This whole Santana thing really just feels like a bad break-up.
Those Girls were drinking last night with Lipgloss & Baseball. It was great fun. And then we saw the ESPN headline that the Mets and Santana had officially reached a record-breaking contract agreement. It was the sports bar equivalent to finding out that an ex has changed their Facebook/MySpace status to "In a Relationship." You KNEW it was coming. It was inevitable. You fully expected it, but actually SEEING it still feels like a sucker punch to the gut.
And you're torn, because you kind of want them to be happy, and you should be happy for them that their new girlfriend is giving them $137.5 million, because you know that he really IS a good guy. But you're still kind of bitter and sad about it.
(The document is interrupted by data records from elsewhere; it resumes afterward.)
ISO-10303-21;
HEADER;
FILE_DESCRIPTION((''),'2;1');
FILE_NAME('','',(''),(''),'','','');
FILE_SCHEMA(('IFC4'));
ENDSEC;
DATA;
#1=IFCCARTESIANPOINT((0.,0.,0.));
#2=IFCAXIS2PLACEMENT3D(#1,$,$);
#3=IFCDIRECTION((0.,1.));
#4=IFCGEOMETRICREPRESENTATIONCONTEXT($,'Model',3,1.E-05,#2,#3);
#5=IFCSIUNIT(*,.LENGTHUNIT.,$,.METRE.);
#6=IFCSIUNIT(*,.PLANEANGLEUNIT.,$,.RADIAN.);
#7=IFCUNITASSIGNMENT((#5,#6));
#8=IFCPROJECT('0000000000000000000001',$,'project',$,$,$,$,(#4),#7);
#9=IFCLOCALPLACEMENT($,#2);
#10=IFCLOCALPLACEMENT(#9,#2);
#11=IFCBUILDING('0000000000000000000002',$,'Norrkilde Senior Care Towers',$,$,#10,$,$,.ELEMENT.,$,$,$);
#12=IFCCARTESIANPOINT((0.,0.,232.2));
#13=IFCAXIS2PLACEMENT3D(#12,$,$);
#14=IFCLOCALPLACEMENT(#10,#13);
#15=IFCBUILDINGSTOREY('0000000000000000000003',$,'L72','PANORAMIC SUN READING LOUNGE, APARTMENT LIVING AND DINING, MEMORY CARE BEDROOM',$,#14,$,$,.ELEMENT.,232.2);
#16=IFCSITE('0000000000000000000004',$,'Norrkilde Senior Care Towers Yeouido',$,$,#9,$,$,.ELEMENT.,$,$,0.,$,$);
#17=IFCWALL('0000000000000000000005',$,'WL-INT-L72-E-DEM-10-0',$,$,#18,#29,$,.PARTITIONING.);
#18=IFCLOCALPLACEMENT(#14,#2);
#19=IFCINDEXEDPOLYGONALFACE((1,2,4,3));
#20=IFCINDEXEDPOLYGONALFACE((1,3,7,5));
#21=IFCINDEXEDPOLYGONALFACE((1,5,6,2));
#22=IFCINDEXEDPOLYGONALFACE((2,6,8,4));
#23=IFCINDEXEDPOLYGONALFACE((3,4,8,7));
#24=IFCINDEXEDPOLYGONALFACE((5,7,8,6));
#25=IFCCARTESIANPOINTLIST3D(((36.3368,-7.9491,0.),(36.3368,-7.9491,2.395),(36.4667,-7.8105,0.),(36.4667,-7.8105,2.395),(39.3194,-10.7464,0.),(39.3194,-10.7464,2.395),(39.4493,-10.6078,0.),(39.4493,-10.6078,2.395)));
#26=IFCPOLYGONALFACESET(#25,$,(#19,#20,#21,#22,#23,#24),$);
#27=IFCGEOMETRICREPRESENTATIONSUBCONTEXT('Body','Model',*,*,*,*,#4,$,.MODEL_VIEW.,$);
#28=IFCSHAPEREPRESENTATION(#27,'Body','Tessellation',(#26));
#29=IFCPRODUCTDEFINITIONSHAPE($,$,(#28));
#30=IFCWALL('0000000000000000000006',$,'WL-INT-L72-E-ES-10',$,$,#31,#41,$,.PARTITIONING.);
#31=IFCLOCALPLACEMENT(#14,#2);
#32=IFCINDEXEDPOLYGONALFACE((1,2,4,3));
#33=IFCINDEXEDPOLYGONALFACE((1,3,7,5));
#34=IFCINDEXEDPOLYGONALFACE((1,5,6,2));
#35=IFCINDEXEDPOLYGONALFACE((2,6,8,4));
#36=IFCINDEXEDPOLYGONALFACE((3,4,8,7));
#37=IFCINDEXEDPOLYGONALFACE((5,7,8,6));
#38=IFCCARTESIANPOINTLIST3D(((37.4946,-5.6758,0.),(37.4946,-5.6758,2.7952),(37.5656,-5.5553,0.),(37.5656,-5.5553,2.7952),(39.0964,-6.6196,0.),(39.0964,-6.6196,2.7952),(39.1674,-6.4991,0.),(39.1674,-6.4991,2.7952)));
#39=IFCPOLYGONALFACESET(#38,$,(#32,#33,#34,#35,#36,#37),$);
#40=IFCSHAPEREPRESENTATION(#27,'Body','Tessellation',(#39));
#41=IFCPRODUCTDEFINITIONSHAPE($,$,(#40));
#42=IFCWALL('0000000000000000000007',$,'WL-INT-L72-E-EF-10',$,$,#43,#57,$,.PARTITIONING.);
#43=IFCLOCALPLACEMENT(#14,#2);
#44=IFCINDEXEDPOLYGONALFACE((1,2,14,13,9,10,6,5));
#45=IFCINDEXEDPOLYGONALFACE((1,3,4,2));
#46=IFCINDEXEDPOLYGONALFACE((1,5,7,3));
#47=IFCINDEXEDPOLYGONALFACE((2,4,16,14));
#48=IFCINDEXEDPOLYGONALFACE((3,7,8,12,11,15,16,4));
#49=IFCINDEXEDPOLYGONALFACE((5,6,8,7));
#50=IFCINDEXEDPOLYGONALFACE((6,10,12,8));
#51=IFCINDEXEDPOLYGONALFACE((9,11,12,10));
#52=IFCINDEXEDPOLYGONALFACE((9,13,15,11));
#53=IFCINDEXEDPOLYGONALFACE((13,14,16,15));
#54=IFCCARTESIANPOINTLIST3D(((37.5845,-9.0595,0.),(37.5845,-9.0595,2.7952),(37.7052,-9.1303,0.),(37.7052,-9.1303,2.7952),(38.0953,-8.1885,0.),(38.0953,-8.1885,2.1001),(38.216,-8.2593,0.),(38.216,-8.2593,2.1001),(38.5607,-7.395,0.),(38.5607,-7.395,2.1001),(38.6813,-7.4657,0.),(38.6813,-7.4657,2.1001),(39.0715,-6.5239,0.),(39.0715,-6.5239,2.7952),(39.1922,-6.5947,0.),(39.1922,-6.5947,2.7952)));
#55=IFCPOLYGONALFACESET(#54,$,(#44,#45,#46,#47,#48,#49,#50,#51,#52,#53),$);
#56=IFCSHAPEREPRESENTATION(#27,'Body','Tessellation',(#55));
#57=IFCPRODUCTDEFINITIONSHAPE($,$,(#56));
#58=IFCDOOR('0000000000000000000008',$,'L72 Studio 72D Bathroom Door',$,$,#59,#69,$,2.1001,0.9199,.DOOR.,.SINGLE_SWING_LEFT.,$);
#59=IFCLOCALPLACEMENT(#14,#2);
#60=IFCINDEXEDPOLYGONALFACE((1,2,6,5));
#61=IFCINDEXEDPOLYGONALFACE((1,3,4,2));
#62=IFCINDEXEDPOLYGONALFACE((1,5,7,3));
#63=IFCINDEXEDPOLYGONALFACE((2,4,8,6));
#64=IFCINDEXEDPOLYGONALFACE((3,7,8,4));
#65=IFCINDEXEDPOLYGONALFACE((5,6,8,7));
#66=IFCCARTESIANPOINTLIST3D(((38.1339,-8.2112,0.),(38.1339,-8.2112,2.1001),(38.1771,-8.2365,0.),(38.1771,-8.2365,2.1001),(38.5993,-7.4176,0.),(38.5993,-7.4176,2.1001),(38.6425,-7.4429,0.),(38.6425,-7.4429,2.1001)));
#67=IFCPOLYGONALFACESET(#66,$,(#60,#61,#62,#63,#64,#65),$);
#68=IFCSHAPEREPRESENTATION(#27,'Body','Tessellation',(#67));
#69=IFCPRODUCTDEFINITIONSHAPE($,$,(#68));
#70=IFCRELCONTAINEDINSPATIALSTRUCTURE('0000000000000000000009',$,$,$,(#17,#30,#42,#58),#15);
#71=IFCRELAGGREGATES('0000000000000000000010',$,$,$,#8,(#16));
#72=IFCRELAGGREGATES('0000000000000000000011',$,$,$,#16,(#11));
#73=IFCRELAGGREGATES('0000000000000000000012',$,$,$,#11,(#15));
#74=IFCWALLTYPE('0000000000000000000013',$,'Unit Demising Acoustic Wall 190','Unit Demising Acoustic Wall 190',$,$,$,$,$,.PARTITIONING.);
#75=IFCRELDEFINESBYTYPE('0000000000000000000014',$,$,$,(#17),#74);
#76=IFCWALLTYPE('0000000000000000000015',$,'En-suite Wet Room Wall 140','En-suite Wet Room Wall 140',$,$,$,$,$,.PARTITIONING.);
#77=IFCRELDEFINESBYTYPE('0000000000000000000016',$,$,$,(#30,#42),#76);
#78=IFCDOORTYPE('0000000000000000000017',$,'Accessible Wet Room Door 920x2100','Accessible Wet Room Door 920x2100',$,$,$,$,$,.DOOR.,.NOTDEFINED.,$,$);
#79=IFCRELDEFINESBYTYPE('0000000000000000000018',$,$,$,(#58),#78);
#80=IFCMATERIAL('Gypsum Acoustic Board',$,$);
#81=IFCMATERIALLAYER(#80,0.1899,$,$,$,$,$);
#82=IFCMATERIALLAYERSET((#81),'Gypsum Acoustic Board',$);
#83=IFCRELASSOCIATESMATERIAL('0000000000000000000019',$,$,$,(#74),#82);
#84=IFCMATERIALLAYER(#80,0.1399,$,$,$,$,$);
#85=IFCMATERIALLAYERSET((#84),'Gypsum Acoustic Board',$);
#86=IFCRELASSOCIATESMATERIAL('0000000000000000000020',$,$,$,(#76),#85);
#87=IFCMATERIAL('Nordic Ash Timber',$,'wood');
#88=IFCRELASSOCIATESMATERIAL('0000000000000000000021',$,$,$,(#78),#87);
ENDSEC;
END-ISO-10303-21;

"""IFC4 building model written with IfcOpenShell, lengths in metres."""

from ifc_helpers import new_model, si_unit, direction, frame, frame_2d, origin, place, context, subcontext, project, spatial, rectangle, extrude, source, transform, mapped, material, layer, layer_set, type_object, type_shapes, element, fill, save


model = new_model("IFC4")

# Units and contexts
model_context = context("Model", 3, precision=1e-05, world=origin(), true_north=direction((0.0, 1.0)))
body_context = subcontext(model_context, "Body", "Model", "MODEL_VIEW")
ifc_project = project(units=[si_unit("LENGTHUNIT", "METRE"), si_unit("PLANEANGLEUNIT", "RADIAN")], contexts=[model_context])

# Site, building, storey
site_placement = place(None, origin())
site = spatial("IfcSite", under=ifc_project, at=site_placement, Name="Norrkilde Senior Care Towers Yeouido", CompositionType="ELEMENT", RefElevation=0.0)
building_placement = place(site_placement, origin())
building = spatial("IfcBuilding", under=site, at=building_placement, Name="Norrkilde Senior Care Towers", CompositionType="ELEMENT")
storey_placement = place(building_placement, frame((0.0, 0.0, 232.2)))
storey = spatial("IfcBuildingStorey", under=building, at=storey_placement, Name="L72", Description="PANORAMIC SUN READING LOUNGE, APARTMENT LIVING AND DINING, MEMORY CARE BEDROOM", CompositionType="ELEMENT", Elevation=232.2)

# Shared definitions
ifc_material_1 = material(Name="Gypsum Acoustic Board")
ifc_material_2 = material(Name="Nordic Ash Timber", Category="wood")

# Walls
ifc_layer_1 = layer(ifc_material_1, 0.1899)
ifc_layer_set_1 = layer_set([ifc_layer_1], Name="Gypsum Acoustic Board")
wall_type_1 = type_object("IfcWallType", Name="Unit Demising Acoustic Wall 190", Description="Unit Demising Acoustic Wall 190", PredefinedType="PARTITIONING", material=ifc_layer_set_1)
shared_shape_1 = source(origin(), body_context, "Body", "SweptSolid", [
    extrude(rectangle(XDim=4.0891, YDim=0.1899, at=frame_2d((2.0444, 0.0))), origin(), (0.0, 0.0, 1.0), 2.395),
])
type_shapes(wall_type_1, [shared_shape_1])
wall_1_placement = place(storey_placement, frame((36.4019, -7.8799, 0.0), z_axis=(0.0, 0.0, 1.0), x_axis=(0.729401, -0.684086, 0.0)))
element("IfcWall", 1, at=wall_1_placement, inside=storey, type_object=wall_type_1, Name="WL-INT-L72-E-DEM-10-0", PredefinedType="PARTITIONING", context=body_context, shape_type="MappedRepresentation", body=[
    mapped(shared_shape_1, transform((0.0, 0.0, 0.0), x_axis=(1.0, 0.0, 0.0), y_axis=(0.0, 1.0, 0.0), z_axis=(0.0, 0.0, 1.0), scale=1.0)),
])
ifc_layer_2 = layer(ifc_material_1, 0.1399)
ifc_layer_set_2 = layer_set([ifc_layer_2], Name="Gypsum Acoustic Board")
wall_type_2 = type_object("IfcWallType", Name="En-suite Wet Room Wall 140", Description="En-suite Wet Room Wall 140", PredefinedType="PARTITIONING", material=ifc_layer_set_2)
shared_shape_2 = source(origin(), body_context, "Body", "SweptSolid", [
    extrude(rectangle(XDim=1.8591, YDim=0.1399, at=frame_2d((0.9297, 0.0))), origin(), (0.0, 0.0, 1.0), 2.7952),
])
wall_2_placement = place(storey_placement, frame((37.53, -5.6155, 0.0), z_axis=(0.0, 0.0, 1.0), x_axis=(0.861556, -0.507663, 0.0)))
element("IfcWall", 2, at=wall_2_placement, inside=storey, type_object=wall_type_2, Name="WL-INT-L72-E-ES-10", PredefinedType="PARTITIONING", context=body_context, shape_type="MappedRepresentation", body=[
    mapped(shared_shape_2, transform((0.0, 0.0, 0.0), x_axis=(1.0, 0.0, 0.0), y_axis=(0.0, 1.0, 0.0), z_axis=(0.0, 0.0, 1.0), scale=1.0)),
])

# Wall, opening, door
shared_shape_3 = source(origin(), body_context, "Body", "SweptSolid", [
    extrude(rectangle(XDim=2.9395, YDim=0.1399, at=frame_2d((1.4697, 0.0))), origin(), (0.0, 0.0, 1.0), 2.7952),
])
type_shapes(wall_type_2, [shared_shape_2, shared_shape_3])
wall_3_placement = place(storey_placement, frame((39.1318, -6.5593, 0.0), z_axis=(0.0, 0.0, 1.0), x_axis=(-0.505884, -0.862602, 0.0)))
wall_3 = element("IfcWall", 3, at=wall_3_placement, inside=storey, type_object=wall_type_2, Name="WL-INT-L72-E-EF-10", PredefinedType="PARTITIONING", context=body_context, shape_type="MappedRepresentation", body=[
    mapped(shared_shape_3, transform((0.0, 0.0, 0.0), x_axis=(1.0, 0.0, 0.0), y_axis=(0.0, 1.0, 0.0), z_axis=(0.0, 0.0, 1.0), scale=1.0)),
])
opening_1_placement = place(wall_3_placement, frame((1.0098, 0.0, 0.0)))
opening_1 = element("IfcOpeningElement", 4, at=opening_1_placement, cuts=wall_3, PredefinedType="OPENING", context=body_context, shape_type="SweptSolid", body=[
    extrude(rectangle(XDim=0.9199, YDim=2.1001, at=frame_2d((0.46, 1.05))), frame((0.0, 0.0798, 0.0), z_axis=(0.0, -1.0, 0.0), x_axis=(1.0, 0.0, 0.0)), (0.0, 0.0, 1.0), 0.1599),
])
door_type_1 = type_object("IfcDoorType", Name="Accessible Wet Room Door 920x2100", Description="Accessible Wet Room Door 920x2100", OperationType="NOTDEFINED", PredefinedType="DOOR", material=ifc_material_2)
shared_shape_4 = source(origin(), body_context, "Body", "SweptSolid", [
    extrude(rectangle(XDim=0.9199, YDim=2.1001, at=frame_2d((0.46, 1.05))), frame((0.0, 0.0249, 0.0), z_axis=(0.0, -1.0, 0.0), x_axis=(1.0, 0.0, 0.0)), (0.0, 0.0, 1.0), 0.05),
])
type_shapes(door_type_1, [shared_shape_4])
door_1_placement = place(opening_1_placement, origin())
door_1 = element("IfcDoor", 5, at=door_1_placement, inside=storey, type_object=door_type_1, Name="L72 Studio 72D Bathroom Door", OperationType="SINGLE_SWING_LEFT", OverallHeight=2.1001, OverallWidth=0.9199, PredefinedType="DOOR", context=body_context, shape_type="MappedRepresentation", body=[
    mapped(shared_shape_4, transform((0.0, 0.0, 0.0), x_axis=(1.0, 0.0, 0.0), y_axis=(0.0, 1.0, 0.0), z_axis=(0.0, 0.0, 1.0), scale=1.0)),
])
fill(opening_1, door_1)

save(model, "model.ifc")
Then Those Girls went to a Timberwolves basketball game. Which, in this lengthy and ridiculous analogy, is the equivalent of going on a date with a new guy that you KNOW is not your type because your friends say that you need to shake things up and try something new to get your mind off of your recent heartbreak. But it's weird and awkward, and you're uncomfortable, but your date tries really hard to impress you by winning the game by 21 points, even though they usually suck at basketball.
It was a good effort, but you won't be returning their calls for a second date.
So then you're just stuck in a funk. And you know in your heart that you're going to be fine, and you're probably NOT going to die from this. But you still get really irritated when other people say things like "it's not the end of the world," and "things are going to be OK," and "it's only a game."
So for now you're just going to sit in your comfy chair with some Cherry Garcia, and watch Gilmore Girls DVDs all day and wait for spring.